I don\’t know whether it\’s the journo not making it clear or something deeper and more disturbing that is wrong here:
The EU has moved to pass a directive, the Emir, or European Market Infrastructure Regulation, to regulate the trading of complicated financial instruments that many blamed for causing the global financial crisis. The legislation aims to standardise all derivatives products not traded on a regulated exchange.
The point of having derivatives that are not traded on an exchange is to have derivatives that are not standardised.
Think about it for a minute: so, imagine, you want to play about with 3 month, 6 month aviation fuel prices. You\’re an airline, you\’re taking money from people now for flights that aren\’t going to happen for another 5 months. You need to hedge your exposure to possible changes in fuel prices: don\’t forget, you\’re charging people a fixed price now and you\’ve a variable fuel cost in the future.
I\’m pretty sure there are aviation fuel futures (and or options?) over in the US but even without those you can get a pretty good synthetic cover by playing around with crude oil futures and options. The link between oil prices and aviation fuel prices is pretty direct: the refining margins tend not to move around very much.
Excellent, there are deep and liquid exchange traded futures and options so off you go and hedge your exposure. In exchange traded products.
As just such an airline you\’ll also probably have a little flutter on currencies as well: you\’re collecting money (as a European airline, say, Ryanjet) in euro and pounds, maybe a little in Danish Krone, Czech Crowns and so on. But aviation fuel is (normally) priced in $ so you want cover there as well.
Deep and liquid exchange traded markets here as well.
So, why would you want an OTC derivative?
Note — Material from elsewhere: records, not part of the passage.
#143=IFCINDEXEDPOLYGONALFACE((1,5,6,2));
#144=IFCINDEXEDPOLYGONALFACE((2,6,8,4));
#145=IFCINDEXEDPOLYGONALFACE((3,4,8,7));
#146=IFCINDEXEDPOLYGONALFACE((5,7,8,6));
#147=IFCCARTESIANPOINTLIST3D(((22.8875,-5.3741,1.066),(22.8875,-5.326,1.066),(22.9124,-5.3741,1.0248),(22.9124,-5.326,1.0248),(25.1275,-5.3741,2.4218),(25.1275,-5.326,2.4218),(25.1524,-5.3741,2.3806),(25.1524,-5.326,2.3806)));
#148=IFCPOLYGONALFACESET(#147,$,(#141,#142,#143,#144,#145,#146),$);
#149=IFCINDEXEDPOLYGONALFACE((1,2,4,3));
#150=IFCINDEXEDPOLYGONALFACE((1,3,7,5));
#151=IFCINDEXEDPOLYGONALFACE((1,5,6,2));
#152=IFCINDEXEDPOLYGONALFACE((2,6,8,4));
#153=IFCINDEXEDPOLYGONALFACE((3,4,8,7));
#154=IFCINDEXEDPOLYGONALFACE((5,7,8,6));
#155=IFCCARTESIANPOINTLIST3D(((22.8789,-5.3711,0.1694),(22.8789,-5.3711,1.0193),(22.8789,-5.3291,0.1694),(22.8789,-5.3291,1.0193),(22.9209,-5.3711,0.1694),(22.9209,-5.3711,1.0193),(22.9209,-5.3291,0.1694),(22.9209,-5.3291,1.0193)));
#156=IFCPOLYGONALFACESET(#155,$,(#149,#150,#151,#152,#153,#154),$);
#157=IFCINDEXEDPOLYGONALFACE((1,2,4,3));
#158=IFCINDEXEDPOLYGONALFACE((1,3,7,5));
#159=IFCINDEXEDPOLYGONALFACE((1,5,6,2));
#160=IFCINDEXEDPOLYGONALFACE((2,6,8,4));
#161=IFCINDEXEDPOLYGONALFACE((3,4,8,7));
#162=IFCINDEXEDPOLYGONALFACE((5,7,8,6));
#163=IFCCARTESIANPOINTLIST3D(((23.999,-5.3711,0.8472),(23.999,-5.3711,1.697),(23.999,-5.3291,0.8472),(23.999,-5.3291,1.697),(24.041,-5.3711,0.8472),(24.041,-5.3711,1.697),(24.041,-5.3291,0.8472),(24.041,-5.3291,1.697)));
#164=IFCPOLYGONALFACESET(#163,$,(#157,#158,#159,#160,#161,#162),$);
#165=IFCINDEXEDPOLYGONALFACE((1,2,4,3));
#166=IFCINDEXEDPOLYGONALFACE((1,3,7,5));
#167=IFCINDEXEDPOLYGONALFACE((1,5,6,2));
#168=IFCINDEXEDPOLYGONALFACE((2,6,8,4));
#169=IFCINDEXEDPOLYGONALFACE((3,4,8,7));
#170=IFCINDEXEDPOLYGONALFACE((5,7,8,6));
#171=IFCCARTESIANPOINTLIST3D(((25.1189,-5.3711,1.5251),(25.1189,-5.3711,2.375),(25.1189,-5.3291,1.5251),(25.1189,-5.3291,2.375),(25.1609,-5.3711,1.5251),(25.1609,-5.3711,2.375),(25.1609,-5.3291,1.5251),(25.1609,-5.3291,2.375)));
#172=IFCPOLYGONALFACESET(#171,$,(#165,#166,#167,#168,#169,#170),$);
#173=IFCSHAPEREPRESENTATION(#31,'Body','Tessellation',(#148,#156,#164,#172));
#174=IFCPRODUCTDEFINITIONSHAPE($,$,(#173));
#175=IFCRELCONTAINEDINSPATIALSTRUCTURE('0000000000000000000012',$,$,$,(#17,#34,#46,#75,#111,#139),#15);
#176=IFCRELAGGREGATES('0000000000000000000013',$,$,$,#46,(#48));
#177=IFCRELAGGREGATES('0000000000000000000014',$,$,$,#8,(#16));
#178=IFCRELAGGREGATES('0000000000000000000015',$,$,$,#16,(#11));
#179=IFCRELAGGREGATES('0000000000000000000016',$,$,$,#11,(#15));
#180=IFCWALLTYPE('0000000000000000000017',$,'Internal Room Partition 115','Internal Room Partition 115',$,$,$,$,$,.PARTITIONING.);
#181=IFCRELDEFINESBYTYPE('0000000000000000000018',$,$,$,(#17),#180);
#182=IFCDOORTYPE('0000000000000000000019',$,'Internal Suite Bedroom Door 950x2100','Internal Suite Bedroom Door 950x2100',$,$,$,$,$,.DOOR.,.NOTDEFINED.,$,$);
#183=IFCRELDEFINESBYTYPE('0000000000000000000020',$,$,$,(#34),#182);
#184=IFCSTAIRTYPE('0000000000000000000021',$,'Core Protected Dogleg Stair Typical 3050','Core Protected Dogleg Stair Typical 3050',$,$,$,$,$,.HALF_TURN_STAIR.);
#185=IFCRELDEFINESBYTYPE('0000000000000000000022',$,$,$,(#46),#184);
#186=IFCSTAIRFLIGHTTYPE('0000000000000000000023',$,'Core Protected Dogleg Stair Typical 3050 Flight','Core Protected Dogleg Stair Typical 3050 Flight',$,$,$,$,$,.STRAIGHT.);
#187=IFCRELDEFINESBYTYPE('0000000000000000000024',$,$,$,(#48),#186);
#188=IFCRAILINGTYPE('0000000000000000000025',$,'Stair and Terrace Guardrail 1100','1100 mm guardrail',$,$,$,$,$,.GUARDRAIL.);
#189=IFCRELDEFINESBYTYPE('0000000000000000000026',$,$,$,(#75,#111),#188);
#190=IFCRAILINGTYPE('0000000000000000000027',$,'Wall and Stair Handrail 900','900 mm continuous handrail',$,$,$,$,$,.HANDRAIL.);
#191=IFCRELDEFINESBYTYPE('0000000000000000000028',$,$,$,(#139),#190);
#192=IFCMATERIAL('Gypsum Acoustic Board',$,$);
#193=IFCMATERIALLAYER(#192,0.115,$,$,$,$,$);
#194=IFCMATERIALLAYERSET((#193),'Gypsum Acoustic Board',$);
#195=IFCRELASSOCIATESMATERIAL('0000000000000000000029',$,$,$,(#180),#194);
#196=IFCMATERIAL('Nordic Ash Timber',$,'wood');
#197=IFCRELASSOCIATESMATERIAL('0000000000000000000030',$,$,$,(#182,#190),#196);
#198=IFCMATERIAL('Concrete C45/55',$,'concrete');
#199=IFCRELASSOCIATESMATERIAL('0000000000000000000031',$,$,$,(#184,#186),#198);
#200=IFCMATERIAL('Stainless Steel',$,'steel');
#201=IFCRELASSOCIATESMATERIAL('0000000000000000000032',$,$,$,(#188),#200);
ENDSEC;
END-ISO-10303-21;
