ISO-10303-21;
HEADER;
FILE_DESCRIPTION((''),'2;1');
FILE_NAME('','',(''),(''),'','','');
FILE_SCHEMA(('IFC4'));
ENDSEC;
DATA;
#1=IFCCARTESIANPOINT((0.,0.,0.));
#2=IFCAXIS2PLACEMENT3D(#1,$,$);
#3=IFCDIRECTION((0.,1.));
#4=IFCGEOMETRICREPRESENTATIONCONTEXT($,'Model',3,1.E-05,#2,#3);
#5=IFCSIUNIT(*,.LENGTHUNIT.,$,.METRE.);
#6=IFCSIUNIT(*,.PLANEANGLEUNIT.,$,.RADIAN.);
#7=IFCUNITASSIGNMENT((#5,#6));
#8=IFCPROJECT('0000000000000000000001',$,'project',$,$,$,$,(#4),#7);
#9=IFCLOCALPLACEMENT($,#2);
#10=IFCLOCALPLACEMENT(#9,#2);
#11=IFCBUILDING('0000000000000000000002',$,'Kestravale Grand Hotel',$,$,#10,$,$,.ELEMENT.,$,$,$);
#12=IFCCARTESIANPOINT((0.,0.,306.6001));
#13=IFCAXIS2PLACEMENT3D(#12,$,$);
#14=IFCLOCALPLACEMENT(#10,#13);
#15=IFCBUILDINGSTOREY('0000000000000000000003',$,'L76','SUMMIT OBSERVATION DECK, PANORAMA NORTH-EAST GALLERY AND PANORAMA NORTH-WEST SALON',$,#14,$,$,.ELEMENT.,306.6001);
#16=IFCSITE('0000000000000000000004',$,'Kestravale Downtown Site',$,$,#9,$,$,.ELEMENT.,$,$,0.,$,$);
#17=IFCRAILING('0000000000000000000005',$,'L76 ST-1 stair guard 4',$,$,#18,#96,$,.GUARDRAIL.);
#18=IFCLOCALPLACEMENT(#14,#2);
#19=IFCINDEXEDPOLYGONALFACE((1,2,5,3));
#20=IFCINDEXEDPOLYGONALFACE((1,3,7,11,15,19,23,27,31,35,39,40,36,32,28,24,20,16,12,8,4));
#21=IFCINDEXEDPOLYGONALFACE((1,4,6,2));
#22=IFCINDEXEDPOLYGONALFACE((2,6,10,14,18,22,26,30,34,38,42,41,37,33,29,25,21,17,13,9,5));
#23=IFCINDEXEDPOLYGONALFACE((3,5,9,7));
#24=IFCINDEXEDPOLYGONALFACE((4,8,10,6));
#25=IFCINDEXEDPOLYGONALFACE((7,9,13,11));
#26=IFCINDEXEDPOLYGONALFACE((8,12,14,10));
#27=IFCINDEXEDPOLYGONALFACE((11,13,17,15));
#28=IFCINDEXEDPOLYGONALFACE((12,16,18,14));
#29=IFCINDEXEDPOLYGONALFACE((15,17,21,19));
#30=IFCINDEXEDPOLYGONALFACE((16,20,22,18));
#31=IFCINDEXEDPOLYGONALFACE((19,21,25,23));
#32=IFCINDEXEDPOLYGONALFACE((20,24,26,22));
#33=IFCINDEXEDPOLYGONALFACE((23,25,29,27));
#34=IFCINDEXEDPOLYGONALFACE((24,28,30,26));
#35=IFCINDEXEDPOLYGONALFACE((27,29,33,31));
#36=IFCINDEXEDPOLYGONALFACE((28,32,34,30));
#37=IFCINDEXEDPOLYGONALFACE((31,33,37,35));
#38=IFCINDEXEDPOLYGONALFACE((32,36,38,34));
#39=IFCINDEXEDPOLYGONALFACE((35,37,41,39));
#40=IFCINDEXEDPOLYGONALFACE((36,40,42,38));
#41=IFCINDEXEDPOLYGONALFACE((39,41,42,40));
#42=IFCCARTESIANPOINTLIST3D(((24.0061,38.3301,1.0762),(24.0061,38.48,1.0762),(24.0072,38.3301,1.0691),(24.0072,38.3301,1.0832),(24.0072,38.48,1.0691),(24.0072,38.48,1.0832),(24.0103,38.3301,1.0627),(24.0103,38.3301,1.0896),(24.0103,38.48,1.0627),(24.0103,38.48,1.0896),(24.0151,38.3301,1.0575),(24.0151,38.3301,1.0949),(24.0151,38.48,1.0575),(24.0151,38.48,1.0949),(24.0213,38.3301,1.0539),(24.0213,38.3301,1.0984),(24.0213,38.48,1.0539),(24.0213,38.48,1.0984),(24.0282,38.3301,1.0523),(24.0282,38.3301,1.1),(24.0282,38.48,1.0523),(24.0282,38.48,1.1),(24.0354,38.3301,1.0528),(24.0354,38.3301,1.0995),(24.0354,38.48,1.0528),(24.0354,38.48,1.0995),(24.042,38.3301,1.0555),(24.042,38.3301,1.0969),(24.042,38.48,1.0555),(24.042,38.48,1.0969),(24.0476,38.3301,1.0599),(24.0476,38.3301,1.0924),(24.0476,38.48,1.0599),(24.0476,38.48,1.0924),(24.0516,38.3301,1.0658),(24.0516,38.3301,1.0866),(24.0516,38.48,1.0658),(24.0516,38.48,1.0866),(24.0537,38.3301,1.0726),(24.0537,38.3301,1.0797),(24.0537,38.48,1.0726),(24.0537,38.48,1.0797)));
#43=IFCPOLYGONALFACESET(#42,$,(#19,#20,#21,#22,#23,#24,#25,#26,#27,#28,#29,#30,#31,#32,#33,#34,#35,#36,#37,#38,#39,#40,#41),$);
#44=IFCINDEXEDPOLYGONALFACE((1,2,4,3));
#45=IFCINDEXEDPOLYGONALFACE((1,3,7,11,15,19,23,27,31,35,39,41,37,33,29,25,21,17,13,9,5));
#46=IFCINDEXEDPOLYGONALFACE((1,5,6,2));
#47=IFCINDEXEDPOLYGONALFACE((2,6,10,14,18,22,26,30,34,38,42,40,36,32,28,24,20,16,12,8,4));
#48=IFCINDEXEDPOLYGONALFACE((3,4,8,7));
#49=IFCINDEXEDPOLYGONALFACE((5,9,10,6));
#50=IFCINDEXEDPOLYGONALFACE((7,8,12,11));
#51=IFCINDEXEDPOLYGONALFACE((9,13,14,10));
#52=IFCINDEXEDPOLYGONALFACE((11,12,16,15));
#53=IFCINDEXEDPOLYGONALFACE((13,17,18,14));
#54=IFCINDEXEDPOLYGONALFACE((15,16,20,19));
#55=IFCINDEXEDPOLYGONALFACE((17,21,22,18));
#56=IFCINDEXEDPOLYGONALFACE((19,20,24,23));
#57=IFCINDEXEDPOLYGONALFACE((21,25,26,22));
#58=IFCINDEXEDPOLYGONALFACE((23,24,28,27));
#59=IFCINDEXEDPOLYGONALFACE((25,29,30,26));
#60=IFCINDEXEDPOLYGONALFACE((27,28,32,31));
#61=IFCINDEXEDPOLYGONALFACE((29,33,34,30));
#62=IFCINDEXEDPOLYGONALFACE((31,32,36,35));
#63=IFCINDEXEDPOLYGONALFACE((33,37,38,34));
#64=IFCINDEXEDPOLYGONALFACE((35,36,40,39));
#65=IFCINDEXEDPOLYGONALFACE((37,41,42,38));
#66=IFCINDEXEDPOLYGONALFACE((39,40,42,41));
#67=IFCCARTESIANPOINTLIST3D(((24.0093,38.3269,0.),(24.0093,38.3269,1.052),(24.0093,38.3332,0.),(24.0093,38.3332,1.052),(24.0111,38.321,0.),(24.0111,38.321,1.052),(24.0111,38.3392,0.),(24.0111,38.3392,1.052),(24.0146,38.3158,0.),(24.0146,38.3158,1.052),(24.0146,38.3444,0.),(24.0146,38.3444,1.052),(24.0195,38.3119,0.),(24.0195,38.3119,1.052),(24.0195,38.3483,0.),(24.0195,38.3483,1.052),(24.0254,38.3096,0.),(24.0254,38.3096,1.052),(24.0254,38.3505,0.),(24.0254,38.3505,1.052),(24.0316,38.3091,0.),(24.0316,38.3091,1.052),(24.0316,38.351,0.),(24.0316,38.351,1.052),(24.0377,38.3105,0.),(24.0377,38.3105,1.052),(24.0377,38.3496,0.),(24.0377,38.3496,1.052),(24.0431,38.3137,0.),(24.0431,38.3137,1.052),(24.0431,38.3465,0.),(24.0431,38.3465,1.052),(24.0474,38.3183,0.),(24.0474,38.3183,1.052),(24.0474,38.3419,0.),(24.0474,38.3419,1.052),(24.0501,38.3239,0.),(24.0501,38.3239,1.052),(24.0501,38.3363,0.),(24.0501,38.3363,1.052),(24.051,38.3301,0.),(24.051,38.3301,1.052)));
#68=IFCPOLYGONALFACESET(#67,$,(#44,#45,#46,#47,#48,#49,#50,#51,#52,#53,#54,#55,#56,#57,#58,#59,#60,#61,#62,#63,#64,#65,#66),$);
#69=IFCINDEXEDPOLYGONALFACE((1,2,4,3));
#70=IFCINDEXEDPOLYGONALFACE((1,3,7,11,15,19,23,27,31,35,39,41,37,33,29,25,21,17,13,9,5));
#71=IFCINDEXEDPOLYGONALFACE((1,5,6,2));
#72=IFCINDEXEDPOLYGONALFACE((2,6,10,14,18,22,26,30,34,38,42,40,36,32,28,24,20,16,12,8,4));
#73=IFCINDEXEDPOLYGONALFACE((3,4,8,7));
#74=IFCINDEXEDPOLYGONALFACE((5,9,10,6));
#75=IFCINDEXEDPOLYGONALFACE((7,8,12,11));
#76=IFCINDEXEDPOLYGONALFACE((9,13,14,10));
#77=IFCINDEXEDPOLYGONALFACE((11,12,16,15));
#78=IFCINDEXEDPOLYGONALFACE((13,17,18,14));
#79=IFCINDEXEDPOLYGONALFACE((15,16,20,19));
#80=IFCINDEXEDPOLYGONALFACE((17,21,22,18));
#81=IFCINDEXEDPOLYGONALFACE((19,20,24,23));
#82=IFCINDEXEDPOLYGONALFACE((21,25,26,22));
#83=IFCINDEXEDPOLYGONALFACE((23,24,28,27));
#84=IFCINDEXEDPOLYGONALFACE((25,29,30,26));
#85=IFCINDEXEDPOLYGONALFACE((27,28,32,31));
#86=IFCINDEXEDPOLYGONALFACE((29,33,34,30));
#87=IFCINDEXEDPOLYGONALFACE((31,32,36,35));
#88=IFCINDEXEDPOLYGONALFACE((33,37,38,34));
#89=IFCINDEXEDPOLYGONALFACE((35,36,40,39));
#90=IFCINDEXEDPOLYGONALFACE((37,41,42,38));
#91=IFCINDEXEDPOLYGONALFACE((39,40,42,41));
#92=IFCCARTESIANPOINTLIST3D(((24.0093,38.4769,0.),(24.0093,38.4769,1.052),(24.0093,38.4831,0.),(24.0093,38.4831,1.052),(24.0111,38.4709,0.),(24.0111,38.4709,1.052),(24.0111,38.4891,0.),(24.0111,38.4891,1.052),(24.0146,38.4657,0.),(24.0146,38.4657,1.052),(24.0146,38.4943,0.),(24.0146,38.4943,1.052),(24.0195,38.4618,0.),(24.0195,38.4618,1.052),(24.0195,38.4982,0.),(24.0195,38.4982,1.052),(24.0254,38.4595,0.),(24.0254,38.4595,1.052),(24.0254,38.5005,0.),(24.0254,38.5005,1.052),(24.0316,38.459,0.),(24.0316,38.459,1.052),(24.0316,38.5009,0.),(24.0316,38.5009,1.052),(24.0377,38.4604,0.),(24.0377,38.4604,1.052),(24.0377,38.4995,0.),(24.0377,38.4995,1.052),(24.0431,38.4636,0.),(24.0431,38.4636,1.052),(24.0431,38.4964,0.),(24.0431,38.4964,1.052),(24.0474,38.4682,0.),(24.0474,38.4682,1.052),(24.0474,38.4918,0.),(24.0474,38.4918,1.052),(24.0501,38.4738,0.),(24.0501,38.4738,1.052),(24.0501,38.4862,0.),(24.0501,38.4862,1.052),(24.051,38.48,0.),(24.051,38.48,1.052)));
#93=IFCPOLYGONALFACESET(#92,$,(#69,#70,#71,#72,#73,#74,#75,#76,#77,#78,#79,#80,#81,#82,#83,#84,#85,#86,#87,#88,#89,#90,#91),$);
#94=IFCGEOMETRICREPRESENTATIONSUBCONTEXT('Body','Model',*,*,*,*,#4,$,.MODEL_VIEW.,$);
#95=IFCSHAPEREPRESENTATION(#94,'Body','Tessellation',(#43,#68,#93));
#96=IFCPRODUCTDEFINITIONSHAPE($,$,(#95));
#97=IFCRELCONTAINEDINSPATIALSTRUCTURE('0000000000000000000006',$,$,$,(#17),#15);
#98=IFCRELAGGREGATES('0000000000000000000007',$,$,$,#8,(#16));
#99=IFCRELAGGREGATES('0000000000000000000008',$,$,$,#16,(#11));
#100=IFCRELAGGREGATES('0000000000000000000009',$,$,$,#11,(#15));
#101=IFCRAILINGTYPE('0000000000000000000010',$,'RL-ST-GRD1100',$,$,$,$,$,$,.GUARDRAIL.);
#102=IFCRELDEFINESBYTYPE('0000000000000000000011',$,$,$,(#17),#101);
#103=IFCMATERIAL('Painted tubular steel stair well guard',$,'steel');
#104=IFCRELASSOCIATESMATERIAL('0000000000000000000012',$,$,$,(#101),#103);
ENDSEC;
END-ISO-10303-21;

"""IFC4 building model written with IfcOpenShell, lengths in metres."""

from ifc_helpers import new_model, si_unit, direction, frame, origin, origin_2d, place, context, subcontext, project, spatial, circle, extrude, material, type_object, element, save


model = new_model("IFC4")

# Units and contexts
model_context = context("Model", 3, precision=1e-05, world=origin(), true_north=direction((0.0, 1.0)))
body_context = subcontext(model_context, "Body", "Model", "MODEL_VIEW")
ifc_project = project(units=[si_unit("LENGTHUNIT", "METRE"), si_unit("PLANEANGLEUNIT", "RADIAN")], contexts=[model_context])

# Site, building, storey
site_placement = place(None, origin())
site = spatial("IfcSite", under=ifc_project, at=site_placement, Name="Kestravale Downtown Site", CompositionType="ELEMENT", RefElevation=0.0)
building_placement = place(site_placement, origin())
building = spatial("IfcBuilding", under=site, at=building_placement, Name="Kestravale Grand Hotel", CompositionType="ELEMENT")
storey_placement = place(building_placement, frame((0.0, 0.0, 306.6001)))
storey = spatial("IfcBuildingStorey", under=building, at=storey_placement, Name="L76", Description="SUMMIT OBSERVATION DECK, PANORAMA NORTH-EAST GALLERY AND PANORAMA NORTH-WEST SALON", CompositionType="ELEMENT", Elevation=306.6001)

# Railing
ifc_material_1 = material(Name="Painted tubular steel stair well guard", Category="steel")
railing_type_1 = type_object("IfcRailingType", Name="RL-ST-GRD1100", PredefinedType="GUARDRAIL", material=ifc_material_1)
railing_1_placement = place(storey_placement, frame((24.03, 38.3301, 0.0)))
element("IfcRailing", 1, at=railing_1_placement, inside=storey, type_object=railing_type_1, Name="L76 ST-1 stair guard 4", PredefinedType="GUARDRAIL", context=body_context, shape_type="SweptSolid", body=[
    extrude(circle(Radius=0.0239, at=origin_2d()), frame((0.0, 0.0, 1.0762), z_axis=(0.0, 1.0, 0.0), x_axis=(-1.0, 0.0, 0.0)), (0.0, 0.0, 1.0), 0.1499),
    extrude(circle(Radius=0.021, at=origin_2d()), origin(), (0.0, 0.0, 1.0), 1.052),
    extrude(circle(Radius=0.021, at=origin_2d()), frame((0.0, 0.1499, 0.0)), (0.0, 0.0, 1.0), 1.052),
])

save(model, "model.ifc")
Well, let\’s say that these exchange traded products only extend out to 9 months (don\’t know whether that is still true but it used to be, for both options and futures). But you\’re buying planes on 20 year leases: perhaps also you\’ve got some worried about what fuel prices are going to be in 3 or 5 years time. You are, recall, making 20 year bets with your aricraft leases.
You probably don\’t want to be playing with futures here (a future insists that you trade at the relevant time at the agreed price) but options will do very nicely (an option allows you to trade at the agreed price at the relevant time). It\’s an insurance policy really: you work out what $/€ rate will bankrupt you on your lease payments, work out what aviation fuel cost will bankrupt you, shave a little bit off those prices then purchase options. So, if either price moves to where it will bankrupt you you can exercise the option and just about stay in business, getting your $ or your fuel at a price that allows you to do so.
Options out 3 or 5 years can be expensive, which is why you set your option price at the most extreme price that allows you to stay in business: rather than paying a higher premium that will ensure profit but that higher price might unacceptably bite into current profits.
(Umm, do please note that all of this is made up, it\’s an example. An example of the logic, not a precise description of what airlines actually do: that I\’m not privy to. The basic effects are right, if not the precise actions.)
But there are no exchange traded products which go out to 3 or 5 years. If you are limited to exchange traded products then you can\’t actually hedge your risks. Thus you go to Mr. Global Megacorp Bank and make up an OTC option which will cover you.
It might well be that their bright young things will then go and hedge this option in the exchange traded markets, using a mixture of shorter dated exchange traded options to cover their longer term risk but you as an airline don\’t care about that. You\’re covered which means you can get on with working out how to charge people for having a pee while airborne.
And that\’s why OTC markets exist: because there are people out there who need hedges which can\’t be done with the standardised products on the exchanges. Which means that the desire to standardise OTC products is doomed to failure: the whole point of them is that they are not standardised.
As I said at the beginning, I\’m not sure whether it\’s just the journo who has made a casual error here or whether the EU really is trying to do this impossible and highly undesirable thing.
Neither, frankly, would surprise me.